🔴 📦 Open Source Wednesday, May 6, 2026 · 2 min read ·

Allen Institute: MolmoAct 2 is the first open-source robotics foundation model to outperform GPT-5 and Gemini 2.5 Pro

Editorial illustration: dual-arm Franka robot with an open box in a laboratory, symbolizing the open-source MolmoAct 2 foundation model

MolmoAct 2 is an open-source robotics foundation model released on May 5 by Allen Institute for AI. The model achieves 63.8/100 on embodied-reasoning benchmarks, outperforms GPT-5 and Gemini 2.5 Pro, accelerates inference 37×, and is the first base model with built-in bimanual capabilities.

🤖

This article was generated using artificial intelligence from primary sources.

Allen Institute for AI (AI2) released MolmoAct 2 on May 5, 2026 — the first open-source robotics foundation model to outperform closed systems such as Physical Intelligence and frontier models GPT-5 and Gemini 2.5 Pro on embodied-reasoning benchmarks.

A robotics foundation model is a large base model trained on a combination of visual and action data, enabling a robot to execute diverse physical tasks from natural language without task-specific training.

What are the three key changes in MolmoAct 2?

The first change is raw performance: the model achieves 63.8/100 on embodied-reasoning benchmarks, placing it ahead of GPT-5 and Gemini 2.5 Pro. The second is a dramatic speedup — by optimizing the KV-cache bridge between the vision model and action expert, inference is accelerated 37×, from 6.7 seconds to 180 milliseconds per action. The third is built-in bimanuality — coordinated two-arm manipulation without per-task fine-tuning, making MolmoAct 2 the first base model of its kind.
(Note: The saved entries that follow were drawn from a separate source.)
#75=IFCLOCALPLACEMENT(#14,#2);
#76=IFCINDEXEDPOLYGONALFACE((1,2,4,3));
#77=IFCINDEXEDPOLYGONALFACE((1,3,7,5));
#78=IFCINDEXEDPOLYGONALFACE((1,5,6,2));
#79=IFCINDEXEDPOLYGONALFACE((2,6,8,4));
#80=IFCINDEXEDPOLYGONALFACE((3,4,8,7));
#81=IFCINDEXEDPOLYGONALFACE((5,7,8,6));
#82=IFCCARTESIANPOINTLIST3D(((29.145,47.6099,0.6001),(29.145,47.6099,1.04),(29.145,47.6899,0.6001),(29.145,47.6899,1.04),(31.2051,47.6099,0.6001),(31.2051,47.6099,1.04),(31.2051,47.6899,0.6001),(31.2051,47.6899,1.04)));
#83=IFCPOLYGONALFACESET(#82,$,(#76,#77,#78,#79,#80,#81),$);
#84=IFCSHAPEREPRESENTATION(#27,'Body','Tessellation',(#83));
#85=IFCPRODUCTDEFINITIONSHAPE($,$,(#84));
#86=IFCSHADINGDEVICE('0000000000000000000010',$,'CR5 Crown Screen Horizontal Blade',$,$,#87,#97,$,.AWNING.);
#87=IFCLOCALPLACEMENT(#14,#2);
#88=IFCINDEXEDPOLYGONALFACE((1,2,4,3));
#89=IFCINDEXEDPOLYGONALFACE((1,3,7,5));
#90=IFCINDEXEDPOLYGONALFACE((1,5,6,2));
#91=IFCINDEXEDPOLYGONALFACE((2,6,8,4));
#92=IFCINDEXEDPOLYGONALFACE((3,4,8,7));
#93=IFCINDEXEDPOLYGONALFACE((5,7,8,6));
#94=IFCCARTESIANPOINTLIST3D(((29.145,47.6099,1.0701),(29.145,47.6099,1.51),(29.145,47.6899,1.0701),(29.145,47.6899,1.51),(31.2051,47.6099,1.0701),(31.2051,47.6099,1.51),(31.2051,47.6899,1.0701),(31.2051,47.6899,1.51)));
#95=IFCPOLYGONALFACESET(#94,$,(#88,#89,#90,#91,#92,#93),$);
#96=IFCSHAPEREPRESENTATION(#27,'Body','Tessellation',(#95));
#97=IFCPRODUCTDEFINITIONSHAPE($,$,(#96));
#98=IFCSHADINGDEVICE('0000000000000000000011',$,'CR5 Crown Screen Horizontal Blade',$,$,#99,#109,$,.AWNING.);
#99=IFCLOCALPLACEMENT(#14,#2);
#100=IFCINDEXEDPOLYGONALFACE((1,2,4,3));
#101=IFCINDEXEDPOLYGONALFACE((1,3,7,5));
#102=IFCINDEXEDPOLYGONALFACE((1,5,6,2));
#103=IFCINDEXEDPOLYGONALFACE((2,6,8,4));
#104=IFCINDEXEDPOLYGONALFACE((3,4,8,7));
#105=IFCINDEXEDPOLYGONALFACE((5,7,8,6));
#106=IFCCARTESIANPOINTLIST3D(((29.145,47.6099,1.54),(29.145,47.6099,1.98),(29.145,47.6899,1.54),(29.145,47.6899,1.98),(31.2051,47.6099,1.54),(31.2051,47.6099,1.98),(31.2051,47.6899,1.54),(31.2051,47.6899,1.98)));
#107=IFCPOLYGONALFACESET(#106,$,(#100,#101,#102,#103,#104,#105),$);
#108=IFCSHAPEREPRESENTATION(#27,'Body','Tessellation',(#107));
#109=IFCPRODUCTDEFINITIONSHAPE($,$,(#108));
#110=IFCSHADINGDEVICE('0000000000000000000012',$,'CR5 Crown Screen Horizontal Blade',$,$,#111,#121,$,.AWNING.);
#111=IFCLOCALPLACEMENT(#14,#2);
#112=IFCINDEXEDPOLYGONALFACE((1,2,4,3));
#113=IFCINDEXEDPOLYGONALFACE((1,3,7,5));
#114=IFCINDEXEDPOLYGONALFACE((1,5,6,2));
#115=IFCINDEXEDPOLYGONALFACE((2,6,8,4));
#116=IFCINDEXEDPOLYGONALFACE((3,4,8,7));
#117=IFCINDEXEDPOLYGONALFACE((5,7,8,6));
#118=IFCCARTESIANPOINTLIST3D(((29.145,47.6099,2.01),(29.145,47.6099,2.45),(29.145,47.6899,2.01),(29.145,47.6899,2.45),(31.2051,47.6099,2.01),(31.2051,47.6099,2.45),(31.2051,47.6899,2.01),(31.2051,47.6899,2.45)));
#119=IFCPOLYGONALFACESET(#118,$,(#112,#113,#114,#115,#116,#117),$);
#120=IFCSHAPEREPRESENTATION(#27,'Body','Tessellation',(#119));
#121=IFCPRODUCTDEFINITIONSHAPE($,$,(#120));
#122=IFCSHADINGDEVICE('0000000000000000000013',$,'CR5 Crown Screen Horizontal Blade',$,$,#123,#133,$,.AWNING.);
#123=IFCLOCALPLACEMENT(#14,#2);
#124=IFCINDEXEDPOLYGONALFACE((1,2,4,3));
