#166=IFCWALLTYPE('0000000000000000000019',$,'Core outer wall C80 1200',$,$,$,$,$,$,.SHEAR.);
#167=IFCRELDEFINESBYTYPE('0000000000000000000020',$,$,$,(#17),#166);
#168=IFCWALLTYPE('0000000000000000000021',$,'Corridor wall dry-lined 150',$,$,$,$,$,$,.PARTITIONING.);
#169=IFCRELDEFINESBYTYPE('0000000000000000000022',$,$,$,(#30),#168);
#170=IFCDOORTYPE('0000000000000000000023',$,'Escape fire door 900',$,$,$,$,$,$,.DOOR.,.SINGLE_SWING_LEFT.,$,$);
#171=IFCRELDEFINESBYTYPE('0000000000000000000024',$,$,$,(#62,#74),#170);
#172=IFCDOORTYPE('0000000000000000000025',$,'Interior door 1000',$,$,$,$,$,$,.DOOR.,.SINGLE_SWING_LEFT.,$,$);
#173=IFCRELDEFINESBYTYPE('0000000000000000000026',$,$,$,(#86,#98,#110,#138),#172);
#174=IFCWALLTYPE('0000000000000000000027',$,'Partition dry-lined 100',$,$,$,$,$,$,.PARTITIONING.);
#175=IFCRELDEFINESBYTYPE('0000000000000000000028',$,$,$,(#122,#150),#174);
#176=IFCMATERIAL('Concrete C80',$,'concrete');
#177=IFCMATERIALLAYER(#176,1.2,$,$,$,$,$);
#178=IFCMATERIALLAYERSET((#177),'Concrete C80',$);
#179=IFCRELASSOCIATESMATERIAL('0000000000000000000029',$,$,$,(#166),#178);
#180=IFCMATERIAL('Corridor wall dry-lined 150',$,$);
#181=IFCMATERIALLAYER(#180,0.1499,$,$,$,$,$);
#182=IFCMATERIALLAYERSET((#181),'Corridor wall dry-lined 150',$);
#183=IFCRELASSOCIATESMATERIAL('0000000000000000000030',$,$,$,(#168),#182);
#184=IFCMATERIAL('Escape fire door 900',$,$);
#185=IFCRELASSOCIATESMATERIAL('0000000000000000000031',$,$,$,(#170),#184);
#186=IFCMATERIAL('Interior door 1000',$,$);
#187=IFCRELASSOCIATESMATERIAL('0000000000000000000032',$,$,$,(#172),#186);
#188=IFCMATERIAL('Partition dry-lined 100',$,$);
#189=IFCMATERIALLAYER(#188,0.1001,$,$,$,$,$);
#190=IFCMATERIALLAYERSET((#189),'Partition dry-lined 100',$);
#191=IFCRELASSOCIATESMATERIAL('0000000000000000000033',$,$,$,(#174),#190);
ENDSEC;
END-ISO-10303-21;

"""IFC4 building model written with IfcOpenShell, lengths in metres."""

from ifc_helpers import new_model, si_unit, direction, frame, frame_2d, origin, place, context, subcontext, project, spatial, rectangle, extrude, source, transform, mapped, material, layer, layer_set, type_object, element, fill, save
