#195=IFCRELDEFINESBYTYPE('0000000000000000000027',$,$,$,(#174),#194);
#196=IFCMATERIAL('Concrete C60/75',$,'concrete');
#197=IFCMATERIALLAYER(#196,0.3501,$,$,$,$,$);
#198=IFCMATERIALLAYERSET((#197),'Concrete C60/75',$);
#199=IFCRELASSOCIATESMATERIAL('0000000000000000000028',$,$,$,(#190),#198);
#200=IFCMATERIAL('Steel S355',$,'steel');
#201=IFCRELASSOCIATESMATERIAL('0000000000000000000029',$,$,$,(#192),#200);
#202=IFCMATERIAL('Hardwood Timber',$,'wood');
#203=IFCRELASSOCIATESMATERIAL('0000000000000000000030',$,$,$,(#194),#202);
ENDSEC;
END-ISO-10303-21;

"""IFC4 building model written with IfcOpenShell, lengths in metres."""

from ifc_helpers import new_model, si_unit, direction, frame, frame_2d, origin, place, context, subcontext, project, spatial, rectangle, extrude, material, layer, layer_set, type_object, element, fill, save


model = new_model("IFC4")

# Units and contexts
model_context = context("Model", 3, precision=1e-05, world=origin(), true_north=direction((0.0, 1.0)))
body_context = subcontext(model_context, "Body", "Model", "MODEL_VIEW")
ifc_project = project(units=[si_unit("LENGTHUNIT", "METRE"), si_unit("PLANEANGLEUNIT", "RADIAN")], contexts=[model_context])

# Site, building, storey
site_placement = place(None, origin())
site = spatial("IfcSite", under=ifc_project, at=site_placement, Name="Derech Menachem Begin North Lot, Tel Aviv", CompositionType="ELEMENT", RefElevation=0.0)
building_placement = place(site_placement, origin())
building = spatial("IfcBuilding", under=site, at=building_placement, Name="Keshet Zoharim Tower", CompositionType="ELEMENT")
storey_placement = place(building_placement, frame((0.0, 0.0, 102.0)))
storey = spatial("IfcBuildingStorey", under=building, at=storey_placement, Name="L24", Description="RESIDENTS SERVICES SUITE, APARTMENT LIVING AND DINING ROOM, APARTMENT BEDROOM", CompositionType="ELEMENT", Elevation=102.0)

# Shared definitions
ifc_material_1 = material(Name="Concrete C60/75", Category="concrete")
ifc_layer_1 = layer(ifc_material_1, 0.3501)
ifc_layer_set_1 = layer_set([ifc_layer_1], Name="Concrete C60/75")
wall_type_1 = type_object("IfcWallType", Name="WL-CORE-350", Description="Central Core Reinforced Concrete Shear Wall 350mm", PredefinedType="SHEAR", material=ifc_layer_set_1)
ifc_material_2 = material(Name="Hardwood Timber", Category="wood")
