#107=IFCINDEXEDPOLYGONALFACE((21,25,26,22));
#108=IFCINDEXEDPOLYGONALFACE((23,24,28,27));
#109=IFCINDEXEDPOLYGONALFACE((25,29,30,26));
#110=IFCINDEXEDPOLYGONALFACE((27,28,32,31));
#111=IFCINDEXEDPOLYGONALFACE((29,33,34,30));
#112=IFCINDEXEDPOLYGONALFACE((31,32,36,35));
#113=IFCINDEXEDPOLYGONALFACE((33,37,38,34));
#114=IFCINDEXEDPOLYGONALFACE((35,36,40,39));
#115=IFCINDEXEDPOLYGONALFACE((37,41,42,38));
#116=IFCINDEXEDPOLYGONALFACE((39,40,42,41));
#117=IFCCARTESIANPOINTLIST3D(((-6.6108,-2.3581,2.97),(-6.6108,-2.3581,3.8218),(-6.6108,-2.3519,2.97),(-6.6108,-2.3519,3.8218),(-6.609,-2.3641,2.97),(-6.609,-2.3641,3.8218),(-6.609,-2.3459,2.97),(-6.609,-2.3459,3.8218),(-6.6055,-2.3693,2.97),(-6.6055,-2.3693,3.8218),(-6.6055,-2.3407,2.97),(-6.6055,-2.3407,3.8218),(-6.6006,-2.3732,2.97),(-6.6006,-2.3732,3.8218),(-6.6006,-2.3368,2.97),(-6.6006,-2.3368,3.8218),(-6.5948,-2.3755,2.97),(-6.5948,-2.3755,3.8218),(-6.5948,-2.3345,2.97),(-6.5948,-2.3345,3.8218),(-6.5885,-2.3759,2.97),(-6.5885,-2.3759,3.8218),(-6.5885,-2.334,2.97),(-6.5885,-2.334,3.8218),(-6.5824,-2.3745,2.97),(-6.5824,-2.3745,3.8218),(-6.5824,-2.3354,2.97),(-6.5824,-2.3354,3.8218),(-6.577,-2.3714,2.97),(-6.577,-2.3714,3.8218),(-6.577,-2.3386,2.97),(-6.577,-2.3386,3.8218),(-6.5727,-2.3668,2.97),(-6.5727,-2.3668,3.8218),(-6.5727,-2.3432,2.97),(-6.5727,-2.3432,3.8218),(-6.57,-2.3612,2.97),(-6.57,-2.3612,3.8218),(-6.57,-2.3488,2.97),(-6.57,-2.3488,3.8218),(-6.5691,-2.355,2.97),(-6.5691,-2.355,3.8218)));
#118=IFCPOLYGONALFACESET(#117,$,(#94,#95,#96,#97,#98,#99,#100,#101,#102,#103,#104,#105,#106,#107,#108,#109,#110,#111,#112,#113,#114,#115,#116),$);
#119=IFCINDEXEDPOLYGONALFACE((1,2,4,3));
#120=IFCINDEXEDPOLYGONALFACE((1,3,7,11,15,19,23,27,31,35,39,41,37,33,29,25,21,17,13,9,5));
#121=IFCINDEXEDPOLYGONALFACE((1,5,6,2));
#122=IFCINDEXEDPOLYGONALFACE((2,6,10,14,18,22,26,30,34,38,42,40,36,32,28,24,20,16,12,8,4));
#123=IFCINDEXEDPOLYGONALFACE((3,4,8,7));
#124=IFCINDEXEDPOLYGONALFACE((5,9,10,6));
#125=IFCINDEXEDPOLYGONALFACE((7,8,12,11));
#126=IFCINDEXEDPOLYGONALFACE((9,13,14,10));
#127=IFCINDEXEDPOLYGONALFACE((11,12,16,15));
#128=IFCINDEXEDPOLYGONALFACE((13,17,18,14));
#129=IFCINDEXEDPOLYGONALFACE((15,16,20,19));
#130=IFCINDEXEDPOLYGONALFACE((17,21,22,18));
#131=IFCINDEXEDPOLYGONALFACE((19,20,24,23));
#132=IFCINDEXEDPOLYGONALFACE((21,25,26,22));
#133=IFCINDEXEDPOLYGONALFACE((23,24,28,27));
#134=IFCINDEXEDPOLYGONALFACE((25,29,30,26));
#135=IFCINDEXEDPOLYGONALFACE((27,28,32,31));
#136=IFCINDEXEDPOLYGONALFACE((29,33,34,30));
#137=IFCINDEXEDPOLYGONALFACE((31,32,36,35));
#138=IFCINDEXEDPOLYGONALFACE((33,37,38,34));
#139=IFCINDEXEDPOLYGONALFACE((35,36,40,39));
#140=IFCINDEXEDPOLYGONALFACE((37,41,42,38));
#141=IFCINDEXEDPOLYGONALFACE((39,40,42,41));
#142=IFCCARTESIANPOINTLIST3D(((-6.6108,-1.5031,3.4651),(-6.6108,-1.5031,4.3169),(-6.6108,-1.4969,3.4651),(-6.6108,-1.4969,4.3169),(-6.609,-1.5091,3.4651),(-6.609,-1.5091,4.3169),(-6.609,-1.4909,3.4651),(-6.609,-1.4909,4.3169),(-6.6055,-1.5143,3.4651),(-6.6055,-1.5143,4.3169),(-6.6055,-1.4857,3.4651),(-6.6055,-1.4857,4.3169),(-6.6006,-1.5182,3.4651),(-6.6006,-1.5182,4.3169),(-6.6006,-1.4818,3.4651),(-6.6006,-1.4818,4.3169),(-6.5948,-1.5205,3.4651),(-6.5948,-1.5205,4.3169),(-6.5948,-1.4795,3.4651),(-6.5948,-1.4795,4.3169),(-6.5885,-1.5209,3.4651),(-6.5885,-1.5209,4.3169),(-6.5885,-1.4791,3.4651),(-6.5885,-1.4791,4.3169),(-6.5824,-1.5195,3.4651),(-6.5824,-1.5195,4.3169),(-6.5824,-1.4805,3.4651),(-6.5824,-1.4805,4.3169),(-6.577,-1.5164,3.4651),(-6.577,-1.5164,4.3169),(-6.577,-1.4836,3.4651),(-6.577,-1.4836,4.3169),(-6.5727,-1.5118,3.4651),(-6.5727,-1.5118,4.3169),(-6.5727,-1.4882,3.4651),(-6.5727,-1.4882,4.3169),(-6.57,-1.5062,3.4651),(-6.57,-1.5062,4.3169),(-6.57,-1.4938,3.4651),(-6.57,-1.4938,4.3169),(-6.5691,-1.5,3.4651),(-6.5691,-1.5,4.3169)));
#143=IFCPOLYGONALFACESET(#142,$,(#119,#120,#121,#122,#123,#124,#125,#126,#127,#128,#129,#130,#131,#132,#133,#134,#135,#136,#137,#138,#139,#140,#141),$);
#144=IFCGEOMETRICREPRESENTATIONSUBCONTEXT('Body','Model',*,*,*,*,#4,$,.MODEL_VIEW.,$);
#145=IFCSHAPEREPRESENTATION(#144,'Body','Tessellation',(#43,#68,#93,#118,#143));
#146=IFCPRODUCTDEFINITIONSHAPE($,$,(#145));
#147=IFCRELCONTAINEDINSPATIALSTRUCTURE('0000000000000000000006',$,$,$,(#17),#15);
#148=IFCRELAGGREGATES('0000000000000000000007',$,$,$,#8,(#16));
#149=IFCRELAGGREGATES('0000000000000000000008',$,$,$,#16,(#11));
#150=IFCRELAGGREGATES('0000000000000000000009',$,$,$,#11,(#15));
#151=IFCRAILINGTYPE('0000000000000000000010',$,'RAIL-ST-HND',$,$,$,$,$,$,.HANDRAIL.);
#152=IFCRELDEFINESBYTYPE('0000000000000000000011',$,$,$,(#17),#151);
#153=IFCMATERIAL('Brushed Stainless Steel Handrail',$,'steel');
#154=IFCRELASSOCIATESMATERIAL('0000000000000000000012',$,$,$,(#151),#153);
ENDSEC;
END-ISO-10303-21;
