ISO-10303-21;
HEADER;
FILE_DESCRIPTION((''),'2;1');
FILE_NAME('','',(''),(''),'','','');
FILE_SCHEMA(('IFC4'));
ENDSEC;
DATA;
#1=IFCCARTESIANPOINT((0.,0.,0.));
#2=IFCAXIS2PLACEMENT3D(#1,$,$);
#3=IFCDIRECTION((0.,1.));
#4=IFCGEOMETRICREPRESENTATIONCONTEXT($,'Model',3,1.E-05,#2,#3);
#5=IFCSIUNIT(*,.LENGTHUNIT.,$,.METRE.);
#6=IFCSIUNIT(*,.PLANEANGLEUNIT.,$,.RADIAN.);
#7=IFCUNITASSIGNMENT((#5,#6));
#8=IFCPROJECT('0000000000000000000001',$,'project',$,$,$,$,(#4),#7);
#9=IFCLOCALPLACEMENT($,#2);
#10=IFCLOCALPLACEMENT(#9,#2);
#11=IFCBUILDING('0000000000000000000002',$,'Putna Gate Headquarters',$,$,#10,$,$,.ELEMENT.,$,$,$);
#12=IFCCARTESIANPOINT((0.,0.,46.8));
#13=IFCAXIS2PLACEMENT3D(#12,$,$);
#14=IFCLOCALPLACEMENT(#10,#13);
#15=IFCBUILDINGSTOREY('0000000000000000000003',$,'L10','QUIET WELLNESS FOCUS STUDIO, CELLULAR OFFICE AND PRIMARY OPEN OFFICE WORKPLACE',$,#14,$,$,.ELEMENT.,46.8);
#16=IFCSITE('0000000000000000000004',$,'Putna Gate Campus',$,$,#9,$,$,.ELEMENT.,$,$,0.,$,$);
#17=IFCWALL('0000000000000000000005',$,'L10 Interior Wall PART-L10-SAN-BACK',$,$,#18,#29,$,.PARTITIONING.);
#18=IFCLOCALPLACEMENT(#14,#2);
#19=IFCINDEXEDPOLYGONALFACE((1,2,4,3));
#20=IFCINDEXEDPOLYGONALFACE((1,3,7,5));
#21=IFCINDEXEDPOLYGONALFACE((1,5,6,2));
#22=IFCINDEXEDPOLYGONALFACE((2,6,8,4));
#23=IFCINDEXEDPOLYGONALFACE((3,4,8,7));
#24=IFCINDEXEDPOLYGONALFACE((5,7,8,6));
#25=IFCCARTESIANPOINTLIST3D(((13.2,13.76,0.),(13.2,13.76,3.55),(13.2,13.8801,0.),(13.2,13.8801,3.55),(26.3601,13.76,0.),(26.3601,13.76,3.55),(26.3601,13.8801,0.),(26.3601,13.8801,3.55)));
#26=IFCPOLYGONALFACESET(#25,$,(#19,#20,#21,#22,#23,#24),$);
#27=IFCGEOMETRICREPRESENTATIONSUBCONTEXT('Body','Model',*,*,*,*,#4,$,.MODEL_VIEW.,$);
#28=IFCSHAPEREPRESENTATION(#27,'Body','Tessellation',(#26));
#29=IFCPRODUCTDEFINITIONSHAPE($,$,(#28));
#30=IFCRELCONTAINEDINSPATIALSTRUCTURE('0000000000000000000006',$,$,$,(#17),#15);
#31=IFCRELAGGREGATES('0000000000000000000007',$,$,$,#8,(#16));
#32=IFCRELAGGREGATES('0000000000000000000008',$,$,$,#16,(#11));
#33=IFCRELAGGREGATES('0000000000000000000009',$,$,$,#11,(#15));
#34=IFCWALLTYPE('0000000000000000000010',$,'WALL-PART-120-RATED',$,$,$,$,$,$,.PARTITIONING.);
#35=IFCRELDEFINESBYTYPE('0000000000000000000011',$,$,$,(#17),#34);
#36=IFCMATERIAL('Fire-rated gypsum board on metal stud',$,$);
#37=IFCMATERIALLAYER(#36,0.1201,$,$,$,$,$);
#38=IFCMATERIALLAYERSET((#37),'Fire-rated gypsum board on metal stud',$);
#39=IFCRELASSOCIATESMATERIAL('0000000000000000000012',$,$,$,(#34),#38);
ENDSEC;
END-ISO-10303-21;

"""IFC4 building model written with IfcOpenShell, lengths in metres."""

from ifc_helpers import new_model, si_unit, direction, frame, frame_2d, origin, place, context, subcontext, project, spatial, rectangle, extrude, material, layer, layer_set, type_object, element, save


model = new_model("IFC4")

# Units and contexts
model_context = context("Model", 3, precision=1e-05, world=origin(), true_north=direction((0.0, 1.0)))
body_context = subcontext(model_context, "Body", "Model", "MODEL_VIEW")
ifc_project = project(units=[si_unit("LENGTHUNIT", "METRE"), si_unit("PLANEANGLEUNIT", "RADIAN")], contexts=[model_context])

# Site, building, storey
site_placement = place(None, origin())
site = spatial("IfcSite", under=ifc_project, at=site_placement, Name="Putna Gate Campus", CompositionType="ELEMENT", RefElevation=0.0)
building_placement = place(site_placement, origin())
building = spatial("IfcBuilding", under=site, at=building_placement, Name="Putna Gate Headquarters", CompositionType="ELEMENT")
storey_placement = place(building_placement, frame((0.0, 0.0, 46.8)))
storey = spatial("IfcBuildingStorey", under=building, at=storey_placement, Name="L10", Description="QUIET WELLNESS FOCUS STUDIO, CELLULAR OFFICE AND PRIMARY OPEN OFFICE WORKPLACE", CompositionType="ELEMENT", Elevation=46.8)

# Wall
ifc_material_1 = material(Name="Fire-rated gypsum board on metal stud")
ifc_layer_1 = layer(ifc_material_1, 0.1201)
ifc_layer_set_1 = layer_set([ifc_layer_1], Name="Fire-rated gypsum board on metal stud")
wall_type = type_object("IfcWallType", Name="WALL-PART-120-RATED", PredefinedType="PARTITIONING", material=ifc_layer_set_1)
wall_placement = place(storey_placement, frame((13.2, 13.8201, 0.0), z_axis=(0.0, 0.0, 1.0), x_axis=(1.0, 0.0, 0.0)))
element("IfcWall", 1, at=wall_placement, inside=storey, type_object=wall_type, Name="L10 Interior Wall PART-L10-SAN-BACK", PredefinedType="PARTITIONING", context=body_context, shape_type="SweptSolid", body=[
    extrude(rectangle(XDim=13.1602, YDim=0.1201, at=frame_2d((6.5801, 0.0))), origin(), (0.0, 0.0, 1.0), 3.55),
])

save(model, "model.ifc")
The model is built on the Molmo 2-ER base trained on approximately 3 million additional embodied-reasoning examples.

What do the benchmark results look like in practice?

On the LIBERO benchmark, a standard academic test for robot learning, MolmoAct 2 achieves 97.2% success. On real-world tasks with a Franka arm robot, success is 87.1%, while on the new MolmoBot household benchmark (a set of household tasks) it achieves 20.6% — twice the score of the second-place model.

The gap between LIBERO and MolmoBot shows how challenging real messy household conditions remain: even a model solving 97% of academic tasks succeeds in only one-fifth of real household scenarios.

What does AI2 release alongside the model?

In addition to model weights, AI2 releases the YAM Dataset with over 720 hours of bimanual demonstrations — 30 times more than the original MolmoAct dataset — as well as complete training code and a reference hardware setup that other labs can replicate.

All artifacts — weights, dataset, code, and hardware specifications — are publicly available. This makes MolmoAct 2 the first serious open answer to closed robotics foundation models, giving researchers, universities, and smaller companies a foundation to build their own applications without licensing restrictions.

Frequently Asked Questions

What is a robotics foundation model?
A robotics foundation model is a large base model trained on visual and action data that enables robots to perform tasks from natural language instructions without fine-tuning for each new task.
What are bimanual capabilities in robotics?
Bimanual capabilities mean the robot coordinates two arms on a single task — for example, holding a container with one arm while pouring with the other. MolmoAct 2 is the first base model to do this without per-task training.
What is the YAM Dataset?
The YAM Dataset is a new public collection of over 720 hours of bimanual robot demonstrations released by AI2 alongside the model — 30 times more demonstrations than the original MolmoAct dataset.